If only you had managed to hold on just a bit longer.

Then he got into the car and drove back across Lidingö Bridge on his way to see Bengt Nordwall, who now lived in Eriksberg, some twenty-odd kilometres south of the city. Ewert was driving far too fast and suddenly saw himself, as he often did, behind the wheel of another kind of car. The police van he had been in charge of twenty-five years ago.

He had spotted Lang on the pavement, just ahead of the van; he knew that he was wanted, so he did what they had done so many times before, drove up alongside the running man while Bengt pulled the door back and Anni, who was sitting nearest the door, grabbed hold of Lang and shouted that he was under arrest, as she was supposed to do.

She was sitting in that seat, nearest the door.

That was why Jochum Lang had been able to drag her out.

Ewert blinked and swung off the road for a moment, away from the queue of stressed morning commuters.
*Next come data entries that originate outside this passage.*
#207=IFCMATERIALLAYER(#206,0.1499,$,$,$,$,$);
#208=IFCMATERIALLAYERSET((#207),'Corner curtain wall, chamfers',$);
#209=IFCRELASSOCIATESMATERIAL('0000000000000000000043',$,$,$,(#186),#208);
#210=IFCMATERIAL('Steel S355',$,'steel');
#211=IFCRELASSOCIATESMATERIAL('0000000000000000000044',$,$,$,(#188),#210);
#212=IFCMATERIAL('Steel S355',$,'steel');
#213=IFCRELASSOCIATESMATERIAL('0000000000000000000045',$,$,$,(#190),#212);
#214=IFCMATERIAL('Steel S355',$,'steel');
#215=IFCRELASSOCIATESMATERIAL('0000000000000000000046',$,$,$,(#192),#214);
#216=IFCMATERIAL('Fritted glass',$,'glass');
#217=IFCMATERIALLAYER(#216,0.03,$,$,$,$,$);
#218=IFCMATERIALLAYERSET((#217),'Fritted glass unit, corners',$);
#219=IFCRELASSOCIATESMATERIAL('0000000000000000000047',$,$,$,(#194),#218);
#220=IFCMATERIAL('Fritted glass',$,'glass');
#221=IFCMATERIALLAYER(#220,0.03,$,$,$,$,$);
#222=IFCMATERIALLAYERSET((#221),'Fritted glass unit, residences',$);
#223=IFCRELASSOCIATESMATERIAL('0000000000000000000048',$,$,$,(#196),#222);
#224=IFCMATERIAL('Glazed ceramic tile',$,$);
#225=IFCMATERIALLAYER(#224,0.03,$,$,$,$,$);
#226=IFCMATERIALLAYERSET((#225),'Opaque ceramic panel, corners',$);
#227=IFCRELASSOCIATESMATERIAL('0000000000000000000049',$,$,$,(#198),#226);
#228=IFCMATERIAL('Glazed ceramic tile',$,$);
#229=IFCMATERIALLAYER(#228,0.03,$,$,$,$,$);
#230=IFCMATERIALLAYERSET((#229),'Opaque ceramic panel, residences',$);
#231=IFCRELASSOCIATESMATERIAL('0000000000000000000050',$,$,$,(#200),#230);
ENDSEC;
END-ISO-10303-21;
He switched off the engine and sat very still until the pictures faded from his mind. In recent years, the same thing happened every time he visited her, the memory pounding inside his head, making it hard to breathe. He stayed where he was for a while, ignoring the idiots with their horns, just waited until he was ready.

A quarter of an hour later he pulled up outside his friend’s home.

They met in the narrow suburban street, stood together and got wet while staring up at the sky.

Neither of them smiled very often; it could be their age, or maybe they had always been the kind who rarely smile. But the impenetrable greyness and the wind and the pouring rain were too much; you had to smile because there was nothing else you could do.